It's also rumored that a punisher serie would come to netflix, also being a part of the Defenders. (I think he is not originally a part of the defenders, but he fits)

A source, however I don't know how trustworthy it is:
http://www.pajiba.com/netflix_movie...anges-to-its-punisher-and-iron-fist-plans.php

And some cool pictures of Cage and Jones for the people who read the comics:


Spoiler: Pictures


----------



## Jack_Sparrow (Dec 14, 2015)

Cyan said:


> I watched it fully this weekend.
> I liked it, but slightly less than daredevil.
> 
> The first episode was slow, I wondered where super heroes and marvel universe disappeared to.
> ...


https://en.wikipedia.org/wiki/Daredevil_(season_2)


----------



## Saiyan Lusitano (Dec 14, 2015)

DD Season 2 is planned for "Early" 2016 release.
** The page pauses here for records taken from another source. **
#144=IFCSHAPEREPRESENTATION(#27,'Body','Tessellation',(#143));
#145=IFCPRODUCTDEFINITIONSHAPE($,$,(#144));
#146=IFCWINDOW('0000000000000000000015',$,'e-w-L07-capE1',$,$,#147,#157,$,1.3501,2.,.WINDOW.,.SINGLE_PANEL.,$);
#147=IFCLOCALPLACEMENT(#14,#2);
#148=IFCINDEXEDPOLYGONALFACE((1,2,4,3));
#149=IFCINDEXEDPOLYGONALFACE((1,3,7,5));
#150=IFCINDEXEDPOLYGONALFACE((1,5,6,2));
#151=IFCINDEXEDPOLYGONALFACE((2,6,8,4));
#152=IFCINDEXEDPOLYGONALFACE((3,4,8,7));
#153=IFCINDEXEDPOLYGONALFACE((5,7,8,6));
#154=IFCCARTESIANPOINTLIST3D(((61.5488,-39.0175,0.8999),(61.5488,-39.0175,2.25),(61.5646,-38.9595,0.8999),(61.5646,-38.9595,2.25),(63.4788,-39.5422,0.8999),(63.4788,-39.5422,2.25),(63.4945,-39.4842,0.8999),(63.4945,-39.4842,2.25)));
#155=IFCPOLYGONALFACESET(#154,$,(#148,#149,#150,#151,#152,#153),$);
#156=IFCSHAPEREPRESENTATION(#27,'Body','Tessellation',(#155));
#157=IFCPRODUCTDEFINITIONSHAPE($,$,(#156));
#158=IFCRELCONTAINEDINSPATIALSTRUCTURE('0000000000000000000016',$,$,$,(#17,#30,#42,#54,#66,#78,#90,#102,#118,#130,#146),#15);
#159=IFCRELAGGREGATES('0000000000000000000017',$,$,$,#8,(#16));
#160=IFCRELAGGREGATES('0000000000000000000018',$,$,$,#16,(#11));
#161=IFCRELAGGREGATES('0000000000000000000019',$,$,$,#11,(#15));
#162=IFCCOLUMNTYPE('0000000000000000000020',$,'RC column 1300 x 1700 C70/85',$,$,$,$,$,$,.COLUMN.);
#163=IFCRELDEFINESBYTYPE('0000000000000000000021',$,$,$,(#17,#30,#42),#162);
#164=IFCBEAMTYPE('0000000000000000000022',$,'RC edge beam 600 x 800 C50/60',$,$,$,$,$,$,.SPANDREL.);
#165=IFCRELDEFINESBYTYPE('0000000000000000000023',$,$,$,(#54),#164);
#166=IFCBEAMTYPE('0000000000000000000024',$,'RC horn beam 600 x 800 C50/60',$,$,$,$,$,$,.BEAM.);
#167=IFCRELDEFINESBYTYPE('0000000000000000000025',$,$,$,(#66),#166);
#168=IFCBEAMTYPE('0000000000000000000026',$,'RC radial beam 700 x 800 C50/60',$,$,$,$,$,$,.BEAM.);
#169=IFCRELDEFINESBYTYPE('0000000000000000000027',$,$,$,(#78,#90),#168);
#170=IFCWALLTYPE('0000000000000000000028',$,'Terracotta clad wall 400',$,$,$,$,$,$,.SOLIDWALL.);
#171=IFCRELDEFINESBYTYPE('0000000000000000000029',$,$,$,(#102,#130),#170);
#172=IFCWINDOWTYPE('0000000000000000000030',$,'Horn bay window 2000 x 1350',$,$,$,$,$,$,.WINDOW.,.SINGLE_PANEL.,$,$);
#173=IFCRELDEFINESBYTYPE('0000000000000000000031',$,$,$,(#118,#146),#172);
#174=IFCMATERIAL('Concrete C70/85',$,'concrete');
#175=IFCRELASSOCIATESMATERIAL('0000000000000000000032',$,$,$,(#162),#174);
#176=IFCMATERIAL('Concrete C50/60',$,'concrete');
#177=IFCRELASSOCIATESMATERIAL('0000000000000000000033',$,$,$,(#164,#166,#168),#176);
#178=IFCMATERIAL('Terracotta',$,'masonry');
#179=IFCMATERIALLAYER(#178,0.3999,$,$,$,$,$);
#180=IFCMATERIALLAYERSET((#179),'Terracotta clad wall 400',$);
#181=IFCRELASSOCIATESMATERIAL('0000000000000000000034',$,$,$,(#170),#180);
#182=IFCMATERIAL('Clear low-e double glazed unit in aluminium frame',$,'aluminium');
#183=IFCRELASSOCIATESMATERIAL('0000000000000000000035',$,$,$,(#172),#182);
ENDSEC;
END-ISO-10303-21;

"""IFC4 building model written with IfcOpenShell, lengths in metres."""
The moment it's out I won't care one bit for the teen-drama DC shows that are on The CW.


----------



## Jack_Sparrow (Dec 14, 2015)

Saiyan Lusitano said:


> DD Season 2 is planned for "Early" 2016 release. The moment it's out I won't care one bit for the teen-drama DC shows that are on The CW.


Agreed, Marvel's netflix is hardcore.


----------



## BORTZ (Jan 11, 2016)

The fiancee wants to watch this with me, I guess I'll dive in soon.


----------